I had a very similar situation with a betta I just got from PetCo (picture here: http://www.bettafish.com/showthread.php?t=166898). I actually think it's a fish disease.


----------



## LittleBlueFishlets (Nov 10, 2012)

Since the water temp is 80F, I don't think the heater burned him. Our own bodies are 98.6F, which is higher than the water temp. Yet, you wouldn't burn him by touching him.

Can you post a picture of the brown spot on him? Also, does it look like a "saddle" that goes sort of from one side, over his back, to the other side?


----------



## Sweetstrwbrry (Apr 1, 2013)

LittleBlueFishlets said:


> Since the water temp is 80F, I don't think the heater burned him. Our own bodies are 98.6F, which is higher than the water temp. Yet, you wouldn't burn him by touching him.
> 
> Can you post a picture of the brown spot on him? Also, does it look like a "saddle" that goes sort of from one side, over his back, to the other side?


OMG got home from work tonight and it looks worse. Fluffy white even. Please help! Here is a pic. He must have had it at the petstore I don't. Understand how he could have gotten this!


----------



## Sweetstrwbrry (Apr 1, 2013)

And the other side.


----------



## LittleBlueFishlets (Nov 10, 2012)

It looks like either Columnaris (gram negative bacterial infection) or Saprolegnia (fungal infection).

I would *lower the water temp to about 76F.* (Bacteria grows faster in warmer water.)

I recommend using *API Triple Sulfa*.

If you can't get that, you can try *API Furan 2* or *Bifuran*, or *Jungle Fungus Clear*. (All three contain the same antibiotics.)

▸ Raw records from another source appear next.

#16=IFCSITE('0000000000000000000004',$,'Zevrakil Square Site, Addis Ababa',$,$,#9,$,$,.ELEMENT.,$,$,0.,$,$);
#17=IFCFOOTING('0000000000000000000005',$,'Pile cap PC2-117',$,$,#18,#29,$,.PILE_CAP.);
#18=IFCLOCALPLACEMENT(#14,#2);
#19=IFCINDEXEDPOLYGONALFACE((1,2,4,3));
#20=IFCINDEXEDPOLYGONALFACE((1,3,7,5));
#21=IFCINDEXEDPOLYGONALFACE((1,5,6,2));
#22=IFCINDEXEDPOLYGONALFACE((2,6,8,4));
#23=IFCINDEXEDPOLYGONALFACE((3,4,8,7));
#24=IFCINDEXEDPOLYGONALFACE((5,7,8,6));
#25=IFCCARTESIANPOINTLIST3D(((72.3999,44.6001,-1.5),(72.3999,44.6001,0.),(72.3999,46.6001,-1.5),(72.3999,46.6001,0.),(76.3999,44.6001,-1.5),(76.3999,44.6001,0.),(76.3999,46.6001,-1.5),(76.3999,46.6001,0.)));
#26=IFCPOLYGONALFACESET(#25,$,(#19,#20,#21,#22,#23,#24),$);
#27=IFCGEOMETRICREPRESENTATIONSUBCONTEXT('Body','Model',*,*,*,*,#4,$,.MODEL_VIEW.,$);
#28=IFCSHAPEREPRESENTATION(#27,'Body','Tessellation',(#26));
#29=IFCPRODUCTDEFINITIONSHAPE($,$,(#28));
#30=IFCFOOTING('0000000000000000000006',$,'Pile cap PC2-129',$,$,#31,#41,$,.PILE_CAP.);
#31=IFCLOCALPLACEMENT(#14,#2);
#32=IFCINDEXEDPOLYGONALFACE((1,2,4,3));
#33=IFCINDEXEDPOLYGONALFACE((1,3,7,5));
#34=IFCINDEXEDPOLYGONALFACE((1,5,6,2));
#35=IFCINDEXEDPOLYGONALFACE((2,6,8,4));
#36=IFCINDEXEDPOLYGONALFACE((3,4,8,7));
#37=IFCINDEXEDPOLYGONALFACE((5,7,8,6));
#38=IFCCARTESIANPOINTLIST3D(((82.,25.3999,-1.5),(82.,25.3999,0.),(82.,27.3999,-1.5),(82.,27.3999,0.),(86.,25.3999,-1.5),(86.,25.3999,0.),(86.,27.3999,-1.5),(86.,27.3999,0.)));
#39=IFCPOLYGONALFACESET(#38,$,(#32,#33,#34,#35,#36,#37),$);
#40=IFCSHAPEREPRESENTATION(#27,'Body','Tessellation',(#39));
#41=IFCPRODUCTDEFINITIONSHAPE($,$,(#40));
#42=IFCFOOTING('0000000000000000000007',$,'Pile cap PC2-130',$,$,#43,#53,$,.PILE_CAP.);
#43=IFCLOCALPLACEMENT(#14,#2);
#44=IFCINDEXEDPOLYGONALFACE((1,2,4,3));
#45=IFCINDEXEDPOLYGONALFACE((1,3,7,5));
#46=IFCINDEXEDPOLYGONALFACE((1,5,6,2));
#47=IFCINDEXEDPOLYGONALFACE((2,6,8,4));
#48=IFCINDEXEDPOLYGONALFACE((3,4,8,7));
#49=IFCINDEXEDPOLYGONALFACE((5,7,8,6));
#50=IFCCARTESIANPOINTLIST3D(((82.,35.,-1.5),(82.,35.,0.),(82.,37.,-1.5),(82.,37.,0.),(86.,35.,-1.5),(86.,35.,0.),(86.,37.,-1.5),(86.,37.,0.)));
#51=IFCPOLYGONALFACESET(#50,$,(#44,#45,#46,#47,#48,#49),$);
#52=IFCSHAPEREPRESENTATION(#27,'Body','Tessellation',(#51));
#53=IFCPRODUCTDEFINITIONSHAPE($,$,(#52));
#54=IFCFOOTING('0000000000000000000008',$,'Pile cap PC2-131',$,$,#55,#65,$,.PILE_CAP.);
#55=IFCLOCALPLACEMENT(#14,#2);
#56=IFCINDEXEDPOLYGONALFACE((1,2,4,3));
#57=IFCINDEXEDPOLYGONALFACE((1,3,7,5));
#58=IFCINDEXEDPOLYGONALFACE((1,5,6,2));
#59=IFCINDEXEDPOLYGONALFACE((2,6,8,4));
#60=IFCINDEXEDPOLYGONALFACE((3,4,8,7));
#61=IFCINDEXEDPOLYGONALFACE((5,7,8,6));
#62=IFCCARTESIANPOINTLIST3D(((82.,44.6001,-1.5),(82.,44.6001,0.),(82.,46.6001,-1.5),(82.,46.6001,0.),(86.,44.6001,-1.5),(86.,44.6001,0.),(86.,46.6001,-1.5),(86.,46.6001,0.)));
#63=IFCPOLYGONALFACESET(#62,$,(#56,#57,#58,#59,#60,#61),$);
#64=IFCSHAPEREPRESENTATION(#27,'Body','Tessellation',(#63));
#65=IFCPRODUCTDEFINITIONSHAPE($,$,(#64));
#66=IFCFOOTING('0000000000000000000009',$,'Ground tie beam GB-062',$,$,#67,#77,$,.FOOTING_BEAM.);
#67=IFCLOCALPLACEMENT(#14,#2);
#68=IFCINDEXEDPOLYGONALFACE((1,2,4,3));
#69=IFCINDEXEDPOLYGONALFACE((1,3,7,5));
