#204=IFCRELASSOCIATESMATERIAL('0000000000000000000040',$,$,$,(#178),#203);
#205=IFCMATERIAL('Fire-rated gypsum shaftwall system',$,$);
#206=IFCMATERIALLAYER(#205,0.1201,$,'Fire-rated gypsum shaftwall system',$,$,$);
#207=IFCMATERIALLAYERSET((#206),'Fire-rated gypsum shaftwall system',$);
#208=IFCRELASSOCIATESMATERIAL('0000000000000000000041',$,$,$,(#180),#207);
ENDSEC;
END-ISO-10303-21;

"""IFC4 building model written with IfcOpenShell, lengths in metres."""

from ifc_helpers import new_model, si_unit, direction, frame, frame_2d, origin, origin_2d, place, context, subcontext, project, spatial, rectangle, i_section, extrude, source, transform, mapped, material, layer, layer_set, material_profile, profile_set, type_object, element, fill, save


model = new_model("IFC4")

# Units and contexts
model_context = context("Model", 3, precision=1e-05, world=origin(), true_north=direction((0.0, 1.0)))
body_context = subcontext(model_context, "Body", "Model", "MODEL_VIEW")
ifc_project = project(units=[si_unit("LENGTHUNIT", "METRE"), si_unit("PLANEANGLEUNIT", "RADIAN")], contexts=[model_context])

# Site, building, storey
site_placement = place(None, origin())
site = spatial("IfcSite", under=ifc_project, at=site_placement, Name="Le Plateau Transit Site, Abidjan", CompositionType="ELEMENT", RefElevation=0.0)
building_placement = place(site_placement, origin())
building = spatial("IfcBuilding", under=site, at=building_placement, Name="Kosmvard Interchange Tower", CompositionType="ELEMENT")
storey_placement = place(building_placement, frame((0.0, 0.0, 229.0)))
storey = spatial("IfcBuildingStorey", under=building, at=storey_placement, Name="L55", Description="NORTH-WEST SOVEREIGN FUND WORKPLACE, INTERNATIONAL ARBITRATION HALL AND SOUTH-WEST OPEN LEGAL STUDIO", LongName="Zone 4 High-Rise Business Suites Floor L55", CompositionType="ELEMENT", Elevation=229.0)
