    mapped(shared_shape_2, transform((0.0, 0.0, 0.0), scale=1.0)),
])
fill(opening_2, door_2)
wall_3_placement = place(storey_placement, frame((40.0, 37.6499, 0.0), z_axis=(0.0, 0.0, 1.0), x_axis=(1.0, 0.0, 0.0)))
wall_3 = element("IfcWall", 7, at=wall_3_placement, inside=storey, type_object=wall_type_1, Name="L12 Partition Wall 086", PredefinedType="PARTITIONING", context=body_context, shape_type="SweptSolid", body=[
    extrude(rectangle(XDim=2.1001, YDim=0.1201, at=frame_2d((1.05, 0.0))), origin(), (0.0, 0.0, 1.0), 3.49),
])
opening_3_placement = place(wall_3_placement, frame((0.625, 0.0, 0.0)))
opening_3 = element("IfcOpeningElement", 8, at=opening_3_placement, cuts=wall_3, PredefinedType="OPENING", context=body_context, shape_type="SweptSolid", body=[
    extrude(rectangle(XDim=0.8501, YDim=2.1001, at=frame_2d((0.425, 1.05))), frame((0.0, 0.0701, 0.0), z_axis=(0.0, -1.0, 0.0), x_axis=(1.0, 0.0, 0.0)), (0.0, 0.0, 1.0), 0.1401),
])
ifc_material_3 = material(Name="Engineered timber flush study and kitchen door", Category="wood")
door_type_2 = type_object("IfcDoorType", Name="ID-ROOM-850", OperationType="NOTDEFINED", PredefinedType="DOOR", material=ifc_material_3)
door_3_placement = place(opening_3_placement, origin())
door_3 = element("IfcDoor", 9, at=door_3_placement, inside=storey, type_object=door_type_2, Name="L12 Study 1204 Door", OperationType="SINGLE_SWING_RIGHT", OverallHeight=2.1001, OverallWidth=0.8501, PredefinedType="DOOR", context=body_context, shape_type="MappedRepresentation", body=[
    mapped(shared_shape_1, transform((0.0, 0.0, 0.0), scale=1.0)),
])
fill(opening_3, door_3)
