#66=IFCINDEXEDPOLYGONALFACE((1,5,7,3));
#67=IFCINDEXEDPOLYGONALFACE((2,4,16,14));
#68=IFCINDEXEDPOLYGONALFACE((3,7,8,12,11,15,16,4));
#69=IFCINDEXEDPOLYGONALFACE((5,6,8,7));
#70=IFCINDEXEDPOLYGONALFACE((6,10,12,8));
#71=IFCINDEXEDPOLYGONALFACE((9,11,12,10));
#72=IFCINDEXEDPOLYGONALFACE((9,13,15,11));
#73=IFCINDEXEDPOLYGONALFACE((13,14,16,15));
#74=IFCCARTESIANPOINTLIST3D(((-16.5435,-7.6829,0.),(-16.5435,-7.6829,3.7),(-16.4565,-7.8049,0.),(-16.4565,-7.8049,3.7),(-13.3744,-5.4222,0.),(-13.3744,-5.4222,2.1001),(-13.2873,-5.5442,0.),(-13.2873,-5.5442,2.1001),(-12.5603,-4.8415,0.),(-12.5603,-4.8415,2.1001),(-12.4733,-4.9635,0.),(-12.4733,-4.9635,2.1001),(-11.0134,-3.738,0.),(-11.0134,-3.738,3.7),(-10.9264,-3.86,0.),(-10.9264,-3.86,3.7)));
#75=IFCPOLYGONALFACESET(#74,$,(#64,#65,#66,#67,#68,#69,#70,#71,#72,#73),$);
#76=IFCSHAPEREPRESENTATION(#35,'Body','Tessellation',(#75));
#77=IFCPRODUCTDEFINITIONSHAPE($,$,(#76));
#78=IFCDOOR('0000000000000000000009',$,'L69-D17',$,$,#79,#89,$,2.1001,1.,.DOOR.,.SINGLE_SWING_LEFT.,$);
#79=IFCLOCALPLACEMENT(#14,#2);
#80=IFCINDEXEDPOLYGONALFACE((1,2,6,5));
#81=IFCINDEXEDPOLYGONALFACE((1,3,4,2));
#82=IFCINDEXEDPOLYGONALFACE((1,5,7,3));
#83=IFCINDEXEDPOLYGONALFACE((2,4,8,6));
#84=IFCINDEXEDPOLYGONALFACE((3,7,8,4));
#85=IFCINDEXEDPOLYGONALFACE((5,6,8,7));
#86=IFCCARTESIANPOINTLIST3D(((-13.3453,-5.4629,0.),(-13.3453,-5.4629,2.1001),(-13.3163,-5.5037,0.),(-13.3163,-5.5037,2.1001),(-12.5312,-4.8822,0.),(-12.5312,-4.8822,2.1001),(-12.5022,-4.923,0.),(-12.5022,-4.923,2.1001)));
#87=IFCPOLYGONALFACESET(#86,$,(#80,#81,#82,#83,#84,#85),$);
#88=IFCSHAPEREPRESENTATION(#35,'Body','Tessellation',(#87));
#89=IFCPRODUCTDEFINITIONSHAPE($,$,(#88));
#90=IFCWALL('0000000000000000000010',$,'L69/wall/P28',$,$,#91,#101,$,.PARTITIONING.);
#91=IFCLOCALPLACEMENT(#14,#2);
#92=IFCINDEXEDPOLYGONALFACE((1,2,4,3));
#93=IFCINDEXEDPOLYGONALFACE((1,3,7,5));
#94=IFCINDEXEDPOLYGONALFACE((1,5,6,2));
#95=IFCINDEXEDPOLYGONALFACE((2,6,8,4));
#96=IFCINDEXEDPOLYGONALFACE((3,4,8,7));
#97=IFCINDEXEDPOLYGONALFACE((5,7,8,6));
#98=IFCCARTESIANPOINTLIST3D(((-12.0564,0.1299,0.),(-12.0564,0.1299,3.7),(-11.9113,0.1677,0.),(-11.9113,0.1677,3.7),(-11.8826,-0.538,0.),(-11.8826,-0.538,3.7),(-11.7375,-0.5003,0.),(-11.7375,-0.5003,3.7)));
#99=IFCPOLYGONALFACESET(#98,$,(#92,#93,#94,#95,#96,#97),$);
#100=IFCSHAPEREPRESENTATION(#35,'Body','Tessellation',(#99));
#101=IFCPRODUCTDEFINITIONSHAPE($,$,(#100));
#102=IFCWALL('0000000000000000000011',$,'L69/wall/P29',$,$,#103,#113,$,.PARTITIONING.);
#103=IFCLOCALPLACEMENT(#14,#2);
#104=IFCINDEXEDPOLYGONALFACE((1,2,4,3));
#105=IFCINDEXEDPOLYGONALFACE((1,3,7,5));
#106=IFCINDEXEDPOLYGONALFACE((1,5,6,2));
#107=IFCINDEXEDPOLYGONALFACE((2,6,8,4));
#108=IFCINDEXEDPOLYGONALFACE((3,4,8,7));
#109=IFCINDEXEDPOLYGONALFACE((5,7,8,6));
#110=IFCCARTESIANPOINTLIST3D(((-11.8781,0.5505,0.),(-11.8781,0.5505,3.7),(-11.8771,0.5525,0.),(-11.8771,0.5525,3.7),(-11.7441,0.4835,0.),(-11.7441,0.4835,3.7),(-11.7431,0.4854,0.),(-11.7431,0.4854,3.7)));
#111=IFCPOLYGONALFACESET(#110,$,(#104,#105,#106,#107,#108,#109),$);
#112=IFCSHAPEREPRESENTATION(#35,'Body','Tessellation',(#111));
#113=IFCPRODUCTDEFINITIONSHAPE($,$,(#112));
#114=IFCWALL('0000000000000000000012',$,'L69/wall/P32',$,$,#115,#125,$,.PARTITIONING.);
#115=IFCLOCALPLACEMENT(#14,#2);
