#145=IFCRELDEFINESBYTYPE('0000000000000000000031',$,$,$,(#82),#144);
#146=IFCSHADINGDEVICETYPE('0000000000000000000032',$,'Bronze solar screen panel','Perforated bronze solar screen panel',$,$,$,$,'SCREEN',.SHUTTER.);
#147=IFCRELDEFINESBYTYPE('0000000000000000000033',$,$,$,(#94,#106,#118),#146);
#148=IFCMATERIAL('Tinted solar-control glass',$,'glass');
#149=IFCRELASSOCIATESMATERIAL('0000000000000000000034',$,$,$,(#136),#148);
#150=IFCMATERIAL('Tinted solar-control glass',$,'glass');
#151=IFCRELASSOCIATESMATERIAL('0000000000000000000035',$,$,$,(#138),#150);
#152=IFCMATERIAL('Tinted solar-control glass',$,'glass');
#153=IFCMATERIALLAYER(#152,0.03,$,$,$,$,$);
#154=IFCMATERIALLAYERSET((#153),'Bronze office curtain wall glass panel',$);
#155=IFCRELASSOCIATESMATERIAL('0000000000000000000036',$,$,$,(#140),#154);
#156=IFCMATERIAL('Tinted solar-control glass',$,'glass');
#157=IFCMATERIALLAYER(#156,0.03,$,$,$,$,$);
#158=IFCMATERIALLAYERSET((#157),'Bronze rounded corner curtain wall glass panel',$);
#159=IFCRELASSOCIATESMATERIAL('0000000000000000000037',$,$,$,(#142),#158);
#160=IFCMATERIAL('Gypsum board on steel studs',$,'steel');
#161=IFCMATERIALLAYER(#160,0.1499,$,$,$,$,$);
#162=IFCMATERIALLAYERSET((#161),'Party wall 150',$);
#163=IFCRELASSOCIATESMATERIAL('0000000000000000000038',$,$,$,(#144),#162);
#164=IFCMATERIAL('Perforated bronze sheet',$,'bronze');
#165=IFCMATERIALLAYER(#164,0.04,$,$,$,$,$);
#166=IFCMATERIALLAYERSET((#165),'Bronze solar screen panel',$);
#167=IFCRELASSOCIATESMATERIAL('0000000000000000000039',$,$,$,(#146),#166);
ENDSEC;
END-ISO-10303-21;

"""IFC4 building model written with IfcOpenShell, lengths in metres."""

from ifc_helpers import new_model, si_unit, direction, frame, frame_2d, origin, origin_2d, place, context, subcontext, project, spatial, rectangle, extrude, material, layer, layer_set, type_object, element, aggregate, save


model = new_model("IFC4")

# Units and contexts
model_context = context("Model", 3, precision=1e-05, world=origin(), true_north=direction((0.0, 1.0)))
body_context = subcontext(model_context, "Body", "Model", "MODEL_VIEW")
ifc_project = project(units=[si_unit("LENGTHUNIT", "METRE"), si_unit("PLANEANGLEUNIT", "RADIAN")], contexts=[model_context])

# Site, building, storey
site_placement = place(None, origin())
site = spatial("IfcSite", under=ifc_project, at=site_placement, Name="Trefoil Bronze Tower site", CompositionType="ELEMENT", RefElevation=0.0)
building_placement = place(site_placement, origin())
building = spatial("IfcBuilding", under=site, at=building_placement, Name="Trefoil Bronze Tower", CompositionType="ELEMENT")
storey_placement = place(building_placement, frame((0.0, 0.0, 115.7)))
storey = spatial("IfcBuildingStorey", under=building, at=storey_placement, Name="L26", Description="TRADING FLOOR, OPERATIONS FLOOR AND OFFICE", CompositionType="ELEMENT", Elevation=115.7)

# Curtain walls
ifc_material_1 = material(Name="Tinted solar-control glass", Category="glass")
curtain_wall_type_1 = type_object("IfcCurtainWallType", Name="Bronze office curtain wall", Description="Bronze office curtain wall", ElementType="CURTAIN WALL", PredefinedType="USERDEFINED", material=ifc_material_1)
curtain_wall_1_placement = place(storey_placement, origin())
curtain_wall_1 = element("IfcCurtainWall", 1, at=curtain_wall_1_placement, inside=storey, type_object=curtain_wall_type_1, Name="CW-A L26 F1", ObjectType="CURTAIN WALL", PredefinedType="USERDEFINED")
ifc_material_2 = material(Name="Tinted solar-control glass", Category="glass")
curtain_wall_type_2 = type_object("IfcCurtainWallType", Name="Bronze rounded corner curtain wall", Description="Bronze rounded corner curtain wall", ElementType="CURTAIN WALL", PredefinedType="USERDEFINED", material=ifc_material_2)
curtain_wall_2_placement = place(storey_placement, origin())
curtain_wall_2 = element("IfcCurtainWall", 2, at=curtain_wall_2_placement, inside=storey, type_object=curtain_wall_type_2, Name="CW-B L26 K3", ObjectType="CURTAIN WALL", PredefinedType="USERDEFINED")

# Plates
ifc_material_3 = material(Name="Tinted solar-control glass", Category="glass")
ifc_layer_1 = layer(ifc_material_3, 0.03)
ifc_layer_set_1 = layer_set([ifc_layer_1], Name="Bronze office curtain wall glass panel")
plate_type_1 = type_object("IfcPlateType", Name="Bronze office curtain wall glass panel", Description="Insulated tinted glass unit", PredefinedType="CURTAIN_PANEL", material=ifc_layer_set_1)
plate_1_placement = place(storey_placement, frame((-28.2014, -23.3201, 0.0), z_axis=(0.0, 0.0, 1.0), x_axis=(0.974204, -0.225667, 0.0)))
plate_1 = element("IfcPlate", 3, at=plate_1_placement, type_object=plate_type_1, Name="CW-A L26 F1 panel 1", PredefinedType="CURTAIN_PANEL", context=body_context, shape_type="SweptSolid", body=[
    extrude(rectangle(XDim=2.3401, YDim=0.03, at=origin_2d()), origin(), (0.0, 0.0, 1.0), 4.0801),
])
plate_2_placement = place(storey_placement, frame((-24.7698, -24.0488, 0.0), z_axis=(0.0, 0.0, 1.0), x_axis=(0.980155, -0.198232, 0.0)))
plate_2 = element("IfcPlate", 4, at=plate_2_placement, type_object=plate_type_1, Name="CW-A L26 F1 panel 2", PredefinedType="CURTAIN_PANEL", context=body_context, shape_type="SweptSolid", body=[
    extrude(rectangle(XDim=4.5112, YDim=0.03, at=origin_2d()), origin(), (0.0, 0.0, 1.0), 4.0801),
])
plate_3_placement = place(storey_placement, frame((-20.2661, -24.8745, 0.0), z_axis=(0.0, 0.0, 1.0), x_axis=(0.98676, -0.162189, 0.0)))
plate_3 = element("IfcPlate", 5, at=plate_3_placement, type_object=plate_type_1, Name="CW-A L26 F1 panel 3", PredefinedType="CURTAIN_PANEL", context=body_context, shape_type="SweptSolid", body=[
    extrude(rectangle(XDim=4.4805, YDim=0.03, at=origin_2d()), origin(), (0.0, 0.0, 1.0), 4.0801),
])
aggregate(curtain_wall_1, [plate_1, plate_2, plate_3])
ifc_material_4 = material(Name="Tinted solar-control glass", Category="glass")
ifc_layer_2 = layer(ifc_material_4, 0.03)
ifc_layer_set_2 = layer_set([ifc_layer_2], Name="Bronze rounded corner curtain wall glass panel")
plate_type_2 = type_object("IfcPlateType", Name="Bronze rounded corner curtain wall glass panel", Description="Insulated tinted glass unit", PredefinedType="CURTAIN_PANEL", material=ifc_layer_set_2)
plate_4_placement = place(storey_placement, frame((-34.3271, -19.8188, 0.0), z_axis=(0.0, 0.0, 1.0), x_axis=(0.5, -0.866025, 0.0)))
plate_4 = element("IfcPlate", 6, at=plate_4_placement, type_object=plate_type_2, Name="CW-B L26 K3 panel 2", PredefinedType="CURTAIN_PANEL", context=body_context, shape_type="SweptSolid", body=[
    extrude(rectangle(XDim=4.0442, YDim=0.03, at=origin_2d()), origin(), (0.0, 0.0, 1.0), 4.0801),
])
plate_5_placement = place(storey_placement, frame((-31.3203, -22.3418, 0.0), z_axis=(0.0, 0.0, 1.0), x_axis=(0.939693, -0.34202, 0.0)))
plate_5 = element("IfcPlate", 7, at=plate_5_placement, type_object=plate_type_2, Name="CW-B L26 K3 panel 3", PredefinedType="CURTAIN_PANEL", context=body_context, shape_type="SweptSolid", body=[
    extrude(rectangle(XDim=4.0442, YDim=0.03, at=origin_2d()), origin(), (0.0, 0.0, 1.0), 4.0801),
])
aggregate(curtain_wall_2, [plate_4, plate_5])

If you have *Kanaplex *on hand, that would be good too. (You can also use Kanaplex with Furan 2 (Bifuran/Fungus Clear).

Good website:
http://www.americanaquariumproducts.com/columnaris.html


----------



## Sweetstrwbrry (Apr 1, 2013)

This may sound insensitive but I really don't want to spend $15 on a medication that I've only had this betta for a week. If Petco would take care of their fish, this wouldn't happen! I'm sick of this... This is the 3rd betta I've had problems with and all within a few weeks of getting it. It has literally been A WEEK! Don't they have medications on hand they can let me have? Every fish I have ever bought medication for a fish in the past, 100% of the time that fish has died. UGH!


----------



## Deanna01 (Apr 22, 2013)

It looks exactly like what my betta from Petco had.  I'm sorry. I am just hoping I don't transfer it to my other fish. Once my guy's spot looked like that, he died the same day. I would take pictures to the pet store now, tell them it's a very contagious disease, and see what they might do for you.


----------



## Sweetstrwbrry (Apr 1, 2013)

Thank God I have him in his own bowl. If my beautiful tankful of cories got this I would be super upset! I had him in there for one day a week ago and took him out and put him in the bowl. And that was before him showing any signs (this started yesterday). All cories are healthy. I suppose I will call them and ask. It's crazy because he looked perfectly healthy at the pet store and his water was clean. I change the water 100% every other day. No way this happened on my end!


----------



## Deanna01 (Apr 22, 2013)

Yeah. I would worry about your cories anyway, because he probably had the disease and it just hadn't manifested much yet.  If it's columnaris, it's extremely contagious. You and I both need to find out if there is some prophylactic treatment for our other tanks--I posted a thread asking about it: http://www.tropicalfishkeeping.com/...reatment-other-tanks-after-columnaris-168170/


----------



## Sweetstrwbrry (Apr 1, 2013)

Well I called petco. They said they could refund the fish but would not offer medicine to treat it. Typical. So now I have to decide if I should buy the medicine and try or what. If the fish dies do you think I could return the meds? This is unbelievably ridiculous. 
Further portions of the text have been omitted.